女性向けゲームは本当に狙い目なのか?乙女ゲーの売上と営業利益 平田色々調べたの巻

先日Yahoo!ニュースで、玩具メーカーが大人の女性を対象にしたコンテンツを次々と出している、というニュースがありました。

イケメンキャラ急増中=「大人の女性」ターゲット―玩具大手
https://headlines.yahoo.co.jp/hl?a=20160109-00000011-jij-bus_all

c3d40734-2979-4a2e-b409-a136016a57ad乙女ゲー1位の会社の売上と営業利益

確かに昨今、ソーシャルゲーム系でも「女性向け」「乙女ゲー」の文字を以前より目にする気がします。Happy Elements株式会社から去年の4月に発表されている「あんさんぶるスターズ!」もアニメ化が決定し、もしかして乙女ゲーは今後ビジネスチャンスがあるのか・・・?と思わせられます。実際、乙女ゲーにビジネスチャンスはあるのか?について調べてみました。そもそも乙女ゲーで有名な会社、というのはあまり多くありません。最も知られているのは何と言っても株式会社ボルテージでしょう。

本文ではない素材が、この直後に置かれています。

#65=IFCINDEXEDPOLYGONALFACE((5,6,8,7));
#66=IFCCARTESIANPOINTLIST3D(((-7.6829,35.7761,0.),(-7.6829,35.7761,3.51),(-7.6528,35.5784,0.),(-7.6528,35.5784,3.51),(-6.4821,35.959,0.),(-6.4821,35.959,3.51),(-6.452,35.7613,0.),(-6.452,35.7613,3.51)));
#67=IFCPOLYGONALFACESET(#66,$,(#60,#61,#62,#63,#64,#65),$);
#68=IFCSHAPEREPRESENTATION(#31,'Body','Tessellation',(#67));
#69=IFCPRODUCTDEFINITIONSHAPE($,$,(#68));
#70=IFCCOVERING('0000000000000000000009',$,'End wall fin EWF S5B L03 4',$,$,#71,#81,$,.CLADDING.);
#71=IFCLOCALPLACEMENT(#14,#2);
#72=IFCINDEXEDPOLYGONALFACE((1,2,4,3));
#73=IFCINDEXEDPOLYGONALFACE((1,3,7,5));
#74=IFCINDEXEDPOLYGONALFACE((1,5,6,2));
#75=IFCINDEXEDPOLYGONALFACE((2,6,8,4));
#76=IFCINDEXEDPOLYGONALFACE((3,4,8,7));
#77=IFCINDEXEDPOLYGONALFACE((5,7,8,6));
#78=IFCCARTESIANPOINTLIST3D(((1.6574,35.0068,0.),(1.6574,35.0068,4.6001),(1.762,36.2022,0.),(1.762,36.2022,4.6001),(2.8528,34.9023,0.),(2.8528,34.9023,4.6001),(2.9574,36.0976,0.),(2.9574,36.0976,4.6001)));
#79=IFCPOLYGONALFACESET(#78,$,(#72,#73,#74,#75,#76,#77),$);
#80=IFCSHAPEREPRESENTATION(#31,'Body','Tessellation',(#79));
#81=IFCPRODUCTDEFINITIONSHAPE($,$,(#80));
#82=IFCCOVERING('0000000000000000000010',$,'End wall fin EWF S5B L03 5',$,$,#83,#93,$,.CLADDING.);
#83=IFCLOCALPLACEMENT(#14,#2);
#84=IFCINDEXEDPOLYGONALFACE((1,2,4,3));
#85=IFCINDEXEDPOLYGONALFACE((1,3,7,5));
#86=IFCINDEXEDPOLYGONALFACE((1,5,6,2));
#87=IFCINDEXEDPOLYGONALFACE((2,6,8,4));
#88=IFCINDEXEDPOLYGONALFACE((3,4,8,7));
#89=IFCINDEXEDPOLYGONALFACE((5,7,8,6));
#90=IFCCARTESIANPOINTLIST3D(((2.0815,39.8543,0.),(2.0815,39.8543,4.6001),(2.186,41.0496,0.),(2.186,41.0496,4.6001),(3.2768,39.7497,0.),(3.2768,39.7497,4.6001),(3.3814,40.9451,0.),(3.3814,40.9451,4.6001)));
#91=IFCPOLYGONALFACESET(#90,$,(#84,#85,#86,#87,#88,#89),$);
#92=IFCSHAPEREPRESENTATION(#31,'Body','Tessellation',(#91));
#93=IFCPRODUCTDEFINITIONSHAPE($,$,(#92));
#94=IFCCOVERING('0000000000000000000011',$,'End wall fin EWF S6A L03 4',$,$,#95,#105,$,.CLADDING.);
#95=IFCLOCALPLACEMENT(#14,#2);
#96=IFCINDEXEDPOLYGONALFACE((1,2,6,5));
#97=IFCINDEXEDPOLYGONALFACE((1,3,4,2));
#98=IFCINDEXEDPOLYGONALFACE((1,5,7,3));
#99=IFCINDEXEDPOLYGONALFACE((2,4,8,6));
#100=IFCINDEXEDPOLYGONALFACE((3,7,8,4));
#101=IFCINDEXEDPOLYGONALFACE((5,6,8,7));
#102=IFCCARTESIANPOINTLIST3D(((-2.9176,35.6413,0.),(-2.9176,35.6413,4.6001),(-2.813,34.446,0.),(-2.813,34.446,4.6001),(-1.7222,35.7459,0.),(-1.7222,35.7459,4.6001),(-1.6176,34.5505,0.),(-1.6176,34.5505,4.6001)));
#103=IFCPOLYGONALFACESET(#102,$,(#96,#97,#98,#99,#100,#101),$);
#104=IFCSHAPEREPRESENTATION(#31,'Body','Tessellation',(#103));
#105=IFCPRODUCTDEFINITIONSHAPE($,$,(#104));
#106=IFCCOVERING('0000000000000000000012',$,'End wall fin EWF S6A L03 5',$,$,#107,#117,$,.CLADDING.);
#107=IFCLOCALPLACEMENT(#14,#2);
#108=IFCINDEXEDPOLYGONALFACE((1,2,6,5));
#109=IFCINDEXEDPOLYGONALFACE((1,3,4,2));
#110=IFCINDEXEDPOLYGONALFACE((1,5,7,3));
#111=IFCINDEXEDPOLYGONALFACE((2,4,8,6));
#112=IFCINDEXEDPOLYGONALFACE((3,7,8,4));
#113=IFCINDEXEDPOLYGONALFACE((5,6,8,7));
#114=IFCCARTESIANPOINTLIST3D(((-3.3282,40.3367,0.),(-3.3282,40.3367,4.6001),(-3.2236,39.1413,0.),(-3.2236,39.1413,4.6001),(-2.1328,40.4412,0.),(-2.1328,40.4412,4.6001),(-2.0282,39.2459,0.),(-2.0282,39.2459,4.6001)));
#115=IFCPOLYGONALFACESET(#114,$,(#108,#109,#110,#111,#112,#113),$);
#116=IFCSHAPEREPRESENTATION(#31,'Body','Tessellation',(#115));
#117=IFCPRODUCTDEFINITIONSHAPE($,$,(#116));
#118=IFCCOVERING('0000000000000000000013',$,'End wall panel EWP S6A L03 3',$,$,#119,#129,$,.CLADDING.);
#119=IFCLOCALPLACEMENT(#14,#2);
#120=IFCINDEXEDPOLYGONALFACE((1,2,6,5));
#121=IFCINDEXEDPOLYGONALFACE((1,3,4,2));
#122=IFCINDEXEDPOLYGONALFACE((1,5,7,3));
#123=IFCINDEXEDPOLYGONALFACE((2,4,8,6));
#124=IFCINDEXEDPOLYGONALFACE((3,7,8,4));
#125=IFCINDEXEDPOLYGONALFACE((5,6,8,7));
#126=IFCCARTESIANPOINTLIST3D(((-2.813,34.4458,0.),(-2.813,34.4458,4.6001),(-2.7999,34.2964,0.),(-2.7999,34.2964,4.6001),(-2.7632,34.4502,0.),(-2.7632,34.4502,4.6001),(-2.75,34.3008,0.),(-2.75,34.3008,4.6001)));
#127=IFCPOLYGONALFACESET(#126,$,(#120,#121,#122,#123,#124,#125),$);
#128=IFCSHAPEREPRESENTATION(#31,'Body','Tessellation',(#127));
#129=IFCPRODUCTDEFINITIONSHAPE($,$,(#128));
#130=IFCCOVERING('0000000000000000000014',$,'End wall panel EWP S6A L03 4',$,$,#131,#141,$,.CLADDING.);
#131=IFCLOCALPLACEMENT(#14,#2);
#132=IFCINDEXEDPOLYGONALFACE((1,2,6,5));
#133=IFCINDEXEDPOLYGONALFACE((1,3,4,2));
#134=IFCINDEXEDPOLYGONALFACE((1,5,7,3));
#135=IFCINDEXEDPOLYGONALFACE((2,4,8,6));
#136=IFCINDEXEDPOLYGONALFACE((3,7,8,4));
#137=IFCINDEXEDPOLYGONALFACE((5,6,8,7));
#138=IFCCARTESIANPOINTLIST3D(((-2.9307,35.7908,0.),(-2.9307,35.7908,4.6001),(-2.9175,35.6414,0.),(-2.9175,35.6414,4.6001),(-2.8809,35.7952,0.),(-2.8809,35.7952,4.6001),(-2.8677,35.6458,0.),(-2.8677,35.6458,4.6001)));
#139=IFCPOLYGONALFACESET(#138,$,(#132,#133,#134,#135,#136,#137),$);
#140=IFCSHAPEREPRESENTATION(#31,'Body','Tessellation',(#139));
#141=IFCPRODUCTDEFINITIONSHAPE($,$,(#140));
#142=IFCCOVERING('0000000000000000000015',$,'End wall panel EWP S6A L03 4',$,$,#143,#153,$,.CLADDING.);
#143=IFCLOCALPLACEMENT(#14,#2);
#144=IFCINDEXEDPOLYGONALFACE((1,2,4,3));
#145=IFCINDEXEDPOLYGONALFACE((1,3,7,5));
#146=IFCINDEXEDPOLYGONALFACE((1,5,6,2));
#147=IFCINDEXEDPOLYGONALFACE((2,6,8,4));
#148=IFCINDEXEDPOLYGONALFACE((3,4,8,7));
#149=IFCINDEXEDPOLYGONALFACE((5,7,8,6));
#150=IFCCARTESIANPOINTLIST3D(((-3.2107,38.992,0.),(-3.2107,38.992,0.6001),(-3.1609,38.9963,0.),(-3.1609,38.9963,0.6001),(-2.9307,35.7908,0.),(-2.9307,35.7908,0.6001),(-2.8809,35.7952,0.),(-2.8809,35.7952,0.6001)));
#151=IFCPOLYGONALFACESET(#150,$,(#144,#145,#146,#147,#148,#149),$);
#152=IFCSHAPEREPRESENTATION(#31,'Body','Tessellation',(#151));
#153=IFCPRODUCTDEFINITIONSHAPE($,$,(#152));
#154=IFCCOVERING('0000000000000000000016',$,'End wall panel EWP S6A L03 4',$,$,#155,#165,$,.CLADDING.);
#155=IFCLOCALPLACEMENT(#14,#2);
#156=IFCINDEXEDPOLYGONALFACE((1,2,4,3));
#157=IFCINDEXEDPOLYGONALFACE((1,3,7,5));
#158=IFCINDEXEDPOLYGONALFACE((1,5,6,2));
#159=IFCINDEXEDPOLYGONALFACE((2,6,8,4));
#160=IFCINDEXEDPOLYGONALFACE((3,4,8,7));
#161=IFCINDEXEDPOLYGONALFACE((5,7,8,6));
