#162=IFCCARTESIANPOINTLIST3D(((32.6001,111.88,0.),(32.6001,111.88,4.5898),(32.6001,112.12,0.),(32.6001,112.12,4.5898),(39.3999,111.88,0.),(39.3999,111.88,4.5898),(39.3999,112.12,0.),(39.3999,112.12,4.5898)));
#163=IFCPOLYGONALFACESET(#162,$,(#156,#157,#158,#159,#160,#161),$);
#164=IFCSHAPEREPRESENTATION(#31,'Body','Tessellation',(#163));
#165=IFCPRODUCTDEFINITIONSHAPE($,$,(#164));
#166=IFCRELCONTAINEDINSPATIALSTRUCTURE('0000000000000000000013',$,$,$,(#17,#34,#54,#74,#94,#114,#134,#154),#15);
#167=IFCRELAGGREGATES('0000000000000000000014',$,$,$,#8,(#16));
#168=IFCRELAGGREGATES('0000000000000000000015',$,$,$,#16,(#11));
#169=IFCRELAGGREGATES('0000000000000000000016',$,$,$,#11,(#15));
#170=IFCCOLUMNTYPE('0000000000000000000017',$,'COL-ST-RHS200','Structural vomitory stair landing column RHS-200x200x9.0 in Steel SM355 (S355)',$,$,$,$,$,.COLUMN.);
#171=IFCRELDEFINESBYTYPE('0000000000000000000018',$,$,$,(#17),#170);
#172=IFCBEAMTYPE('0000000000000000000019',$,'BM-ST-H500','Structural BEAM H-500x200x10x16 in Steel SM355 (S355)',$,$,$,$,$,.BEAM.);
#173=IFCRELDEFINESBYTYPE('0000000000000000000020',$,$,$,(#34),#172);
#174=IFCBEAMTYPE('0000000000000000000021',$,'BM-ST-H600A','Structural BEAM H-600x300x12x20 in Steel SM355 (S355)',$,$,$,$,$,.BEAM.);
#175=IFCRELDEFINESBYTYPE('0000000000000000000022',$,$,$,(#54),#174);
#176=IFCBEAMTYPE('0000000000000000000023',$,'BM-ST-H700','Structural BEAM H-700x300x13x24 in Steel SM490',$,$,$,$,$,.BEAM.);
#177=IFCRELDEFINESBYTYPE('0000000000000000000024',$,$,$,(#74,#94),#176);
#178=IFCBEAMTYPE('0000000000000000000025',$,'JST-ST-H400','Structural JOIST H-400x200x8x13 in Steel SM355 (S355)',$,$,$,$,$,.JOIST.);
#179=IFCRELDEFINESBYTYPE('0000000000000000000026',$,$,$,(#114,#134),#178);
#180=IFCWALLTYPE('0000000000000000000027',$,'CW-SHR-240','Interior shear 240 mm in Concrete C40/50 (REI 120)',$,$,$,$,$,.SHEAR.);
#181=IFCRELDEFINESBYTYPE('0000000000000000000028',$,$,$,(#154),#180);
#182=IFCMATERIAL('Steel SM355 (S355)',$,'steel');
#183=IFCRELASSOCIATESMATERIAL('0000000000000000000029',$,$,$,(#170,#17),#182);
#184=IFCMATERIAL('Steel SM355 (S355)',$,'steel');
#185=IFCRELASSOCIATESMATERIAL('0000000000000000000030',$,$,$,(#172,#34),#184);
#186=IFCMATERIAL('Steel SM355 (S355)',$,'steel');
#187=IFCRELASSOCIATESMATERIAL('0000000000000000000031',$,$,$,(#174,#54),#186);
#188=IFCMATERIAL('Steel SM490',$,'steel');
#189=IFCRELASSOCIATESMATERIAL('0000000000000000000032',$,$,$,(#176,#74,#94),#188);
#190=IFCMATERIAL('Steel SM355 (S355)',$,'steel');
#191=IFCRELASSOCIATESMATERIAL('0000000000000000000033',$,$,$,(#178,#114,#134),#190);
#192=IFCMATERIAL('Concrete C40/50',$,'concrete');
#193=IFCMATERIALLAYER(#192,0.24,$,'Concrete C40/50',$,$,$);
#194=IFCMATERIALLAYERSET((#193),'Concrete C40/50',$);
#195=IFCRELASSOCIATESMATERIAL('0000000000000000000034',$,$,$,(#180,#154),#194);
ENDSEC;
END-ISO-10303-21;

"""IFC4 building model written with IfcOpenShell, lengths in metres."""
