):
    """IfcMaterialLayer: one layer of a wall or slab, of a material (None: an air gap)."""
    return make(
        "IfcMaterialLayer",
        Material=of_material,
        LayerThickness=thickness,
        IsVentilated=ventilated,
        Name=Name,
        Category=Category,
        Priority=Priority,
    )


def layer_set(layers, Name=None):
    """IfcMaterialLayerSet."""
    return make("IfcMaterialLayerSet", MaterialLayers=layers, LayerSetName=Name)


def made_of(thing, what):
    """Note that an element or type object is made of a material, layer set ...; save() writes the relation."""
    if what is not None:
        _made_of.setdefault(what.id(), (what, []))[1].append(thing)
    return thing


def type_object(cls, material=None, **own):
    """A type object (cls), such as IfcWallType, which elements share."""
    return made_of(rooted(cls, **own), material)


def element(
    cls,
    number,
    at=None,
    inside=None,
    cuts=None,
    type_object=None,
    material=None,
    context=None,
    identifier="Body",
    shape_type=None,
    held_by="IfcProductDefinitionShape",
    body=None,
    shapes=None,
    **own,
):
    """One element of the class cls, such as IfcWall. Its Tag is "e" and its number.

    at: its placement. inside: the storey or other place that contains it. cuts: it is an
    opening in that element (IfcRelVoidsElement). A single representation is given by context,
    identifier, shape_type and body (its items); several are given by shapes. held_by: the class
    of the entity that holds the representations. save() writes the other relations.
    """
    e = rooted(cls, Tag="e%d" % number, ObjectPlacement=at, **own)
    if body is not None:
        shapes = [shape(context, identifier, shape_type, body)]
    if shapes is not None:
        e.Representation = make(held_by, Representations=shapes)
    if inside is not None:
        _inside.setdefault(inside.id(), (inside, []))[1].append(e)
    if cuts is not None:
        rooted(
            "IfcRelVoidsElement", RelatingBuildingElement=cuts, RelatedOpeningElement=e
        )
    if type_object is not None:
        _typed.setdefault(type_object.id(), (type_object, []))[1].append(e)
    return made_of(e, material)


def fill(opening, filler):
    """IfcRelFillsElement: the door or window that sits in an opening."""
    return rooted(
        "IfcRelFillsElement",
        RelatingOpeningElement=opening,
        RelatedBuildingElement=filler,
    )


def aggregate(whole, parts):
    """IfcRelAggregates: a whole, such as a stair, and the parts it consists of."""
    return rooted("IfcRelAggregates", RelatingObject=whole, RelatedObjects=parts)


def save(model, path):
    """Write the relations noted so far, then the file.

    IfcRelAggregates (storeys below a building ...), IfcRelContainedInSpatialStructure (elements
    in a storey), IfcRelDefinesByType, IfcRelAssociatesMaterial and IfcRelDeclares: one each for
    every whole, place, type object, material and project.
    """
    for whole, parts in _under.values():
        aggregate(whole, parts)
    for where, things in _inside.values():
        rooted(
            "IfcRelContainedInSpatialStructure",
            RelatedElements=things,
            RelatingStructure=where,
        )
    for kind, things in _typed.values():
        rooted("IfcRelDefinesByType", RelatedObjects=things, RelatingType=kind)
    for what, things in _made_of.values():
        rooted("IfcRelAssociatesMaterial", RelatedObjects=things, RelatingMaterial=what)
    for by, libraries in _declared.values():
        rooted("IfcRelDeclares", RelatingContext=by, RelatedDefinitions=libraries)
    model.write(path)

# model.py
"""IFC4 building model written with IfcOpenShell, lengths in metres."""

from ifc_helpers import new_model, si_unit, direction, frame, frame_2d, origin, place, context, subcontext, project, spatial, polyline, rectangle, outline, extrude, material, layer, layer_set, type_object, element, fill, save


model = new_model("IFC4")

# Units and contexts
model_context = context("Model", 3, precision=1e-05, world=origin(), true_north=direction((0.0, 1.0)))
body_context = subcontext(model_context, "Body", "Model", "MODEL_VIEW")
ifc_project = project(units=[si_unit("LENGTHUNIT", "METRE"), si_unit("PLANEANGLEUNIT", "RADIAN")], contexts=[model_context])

ボルテージは乙女ゲー業界で最も最初に名前が挙がる上場会社です。最近は1本だけ男性をターゲットにしたサスペンス風のゲームも出ましたが、基本的には女性をターゲットにしたゲーム作りが主となっています。「女性向けゲームで最も成功しているゲーム会社」と言っても過言ではないでしょう。こちらは上場しているため、売上や営業利益についても参照することができます。それによると2015年6月に発表された決算では、全体の売上が105億円。営業利益は4億円でした。月々に換算すると、毎月の平均売上は約8.79億円。営業利益は3891万円となります。営業利益率は4.4%です。これは、年間リリース作品数が23本ということも関係していると考えられます。
参考:ボルテージ業績ハイライトより
https://www.voltage.co.jp/ir/highlights.html

monsutoソシャゲ1位の会社の売上と営業利益

株式会社ミクシィ モンスターストライク公式HPより
https://www.monster-strike.com/

一方で、現在売上1位の「モンスターストライク」を運営している株式会社ミクシィはどうでしょう。こちらも上場しているため、売上等の参照ができるのですが、20153月の決算によると年間売上は1,129億円。営業利益は526億円。月間に置き換えると売上は月94億円、営業利益は43億円です。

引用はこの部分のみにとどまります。